Super confusing question im not sure how to approach
a. Determine the concentration of lead ion in solution (the molar solubility) if PbI2(s) is in
equilibrium with water. Ksp = 9.8*10-9
b. From part a, it should be clear that if Pb2+(aq) and I-(aq) are added together in solution, a solid precipitate of PbI2 will form, which is yellow. What may be unexpected is what happens
when addition iodide ion is added. One would expect the equilibrium to shift right and lead to a greater amount of precipitate formed. However, the solution turns clear with no precipitate
visible. The reaction that occurs is PbI2(s) + 2I-(aq) [PbI4]2-(aq). Determine the concentration of Pb2+ in solution (as a complex) if the iodide concentration is 1.25 M. Kf ([PbI4]2-) = 3.0*104. Note; this phenomenon is somewhat rare in insoluble compounds. For example, adding Cl- to AgCl(s) does not lead to greater solubility.
a.
.........PbI2 ==> Pb^2+ + 2I^-
I........solid.....0.......0
C.........-x.......x.......2x
E........solid.....x.......2x
Sustitute the E line into Ksp expression and solve for x = (Pb^2+)

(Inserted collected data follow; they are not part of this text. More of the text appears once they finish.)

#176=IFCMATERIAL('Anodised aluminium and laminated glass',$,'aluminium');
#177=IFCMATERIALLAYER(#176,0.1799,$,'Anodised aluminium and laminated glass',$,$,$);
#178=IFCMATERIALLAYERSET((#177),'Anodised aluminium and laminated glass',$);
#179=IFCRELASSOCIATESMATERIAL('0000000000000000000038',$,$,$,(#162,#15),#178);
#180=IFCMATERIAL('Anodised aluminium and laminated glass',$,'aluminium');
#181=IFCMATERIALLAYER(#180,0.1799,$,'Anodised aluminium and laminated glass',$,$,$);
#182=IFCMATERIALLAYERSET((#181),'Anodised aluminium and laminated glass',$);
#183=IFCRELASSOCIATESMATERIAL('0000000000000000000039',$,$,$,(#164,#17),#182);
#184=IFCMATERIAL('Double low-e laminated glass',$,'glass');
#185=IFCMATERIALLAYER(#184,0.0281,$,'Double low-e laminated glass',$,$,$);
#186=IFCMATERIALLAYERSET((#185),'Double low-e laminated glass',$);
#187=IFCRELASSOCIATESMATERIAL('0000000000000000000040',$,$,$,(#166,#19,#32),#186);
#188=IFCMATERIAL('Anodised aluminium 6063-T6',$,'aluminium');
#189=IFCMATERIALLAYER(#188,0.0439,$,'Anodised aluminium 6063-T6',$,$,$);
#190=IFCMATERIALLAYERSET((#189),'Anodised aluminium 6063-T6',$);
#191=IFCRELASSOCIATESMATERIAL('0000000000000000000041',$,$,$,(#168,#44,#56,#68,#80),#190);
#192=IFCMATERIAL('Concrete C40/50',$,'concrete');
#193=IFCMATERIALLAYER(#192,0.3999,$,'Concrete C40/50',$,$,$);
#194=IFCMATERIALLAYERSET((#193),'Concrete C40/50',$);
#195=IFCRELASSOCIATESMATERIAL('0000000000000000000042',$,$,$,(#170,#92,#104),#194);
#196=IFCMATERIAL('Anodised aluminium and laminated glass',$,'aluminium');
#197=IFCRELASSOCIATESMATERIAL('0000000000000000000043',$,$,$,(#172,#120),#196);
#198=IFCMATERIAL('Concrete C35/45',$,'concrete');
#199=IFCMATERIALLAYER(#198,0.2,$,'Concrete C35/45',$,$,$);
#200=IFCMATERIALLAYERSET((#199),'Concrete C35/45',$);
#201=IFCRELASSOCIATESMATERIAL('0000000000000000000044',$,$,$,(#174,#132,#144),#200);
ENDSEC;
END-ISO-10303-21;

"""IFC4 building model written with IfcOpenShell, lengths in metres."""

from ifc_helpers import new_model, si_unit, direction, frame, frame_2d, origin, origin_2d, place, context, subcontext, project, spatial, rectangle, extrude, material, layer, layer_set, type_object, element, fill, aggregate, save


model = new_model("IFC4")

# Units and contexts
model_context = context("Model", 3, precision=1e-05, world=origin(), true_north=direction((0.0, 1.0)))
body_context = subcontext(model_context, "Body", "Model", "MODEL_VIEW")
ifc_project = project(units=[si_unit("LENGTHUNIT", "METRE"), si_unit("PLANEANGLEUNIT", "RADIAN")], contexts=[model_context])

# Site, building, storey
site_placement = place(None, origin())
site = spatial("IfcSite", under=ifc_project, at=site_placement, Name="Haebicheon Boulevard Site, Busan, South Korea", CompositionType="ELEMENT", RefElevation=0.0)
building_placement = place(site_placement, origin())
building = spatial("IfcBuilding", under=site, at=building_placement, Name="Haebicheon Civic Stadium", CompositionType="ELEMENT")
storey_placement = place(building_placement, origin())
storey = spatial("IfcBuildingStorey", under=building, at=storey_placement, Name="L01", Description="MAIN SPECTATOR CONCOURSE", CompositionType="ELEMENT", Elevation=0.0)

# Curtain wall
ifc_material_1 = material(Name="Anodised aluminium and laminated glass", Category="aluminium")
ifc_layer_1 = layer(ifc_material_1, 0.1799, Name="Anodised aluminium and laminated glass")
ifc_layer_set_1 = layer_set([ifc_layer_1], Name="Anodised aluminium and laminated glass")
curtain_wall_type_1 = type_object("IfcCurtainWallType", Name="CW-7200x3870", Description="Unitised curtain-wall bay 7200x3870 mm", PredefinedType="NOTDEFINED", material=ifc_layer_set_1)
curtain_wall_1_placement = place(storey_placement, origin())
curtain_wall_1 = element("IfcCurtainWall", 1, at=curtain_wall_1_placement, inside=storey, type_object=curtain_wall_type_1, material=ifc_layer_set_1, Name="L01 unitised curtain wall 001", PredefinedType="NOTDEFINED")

b. You need Kc for the reaction and you can get that from the sum of the two reactions of Ksp and Kf.
PbI2 --> Pb^2+ + 2I^-.......Ksp
Pb^2+ + 4I^- ==> [PbI4]^2-.....Kf
---------------------------------
PbI2 + 2I^- --> [PbI4]^2-....Kc = Ksp*Kf
I assume that 1.25M for I^- is the equilibrium concentration.
Then Kc = [PbI4]^2-/(I^-)^2
Substitute and solve for the complex.
To approach these questions, you need to understand the concepts of solubility product constant (Ksp) and complex formation constant (Kf). Let's address each question step by step:
a. To determine the molar solubility of lead ion (Pb2+) in solution, you need to use the solubility product constant (Ksp). The equilibrium equation for the dissolution of PbI2(s) in water is:
PbI2(s) ⇌ Pb2+(aq) + 2I-(aq)
The expression for the solubility product constant (Ksp) is derived from the equilibrium equation, where the concentrations of all species are raised to the power equal to their stoichiometric coefficient:
Ksp = [Pb2+][I-]^2
Given that the Ksp value is 9.8 × 10^-9, you can set up an equation using the molar solubility of PbI2, represented as x, as follows:
9.8 × 10^-9 = x * (2x)^2
Solving this equation will give you the molar solubility of PbI2, which represents the concentration of Pb2+ in solution.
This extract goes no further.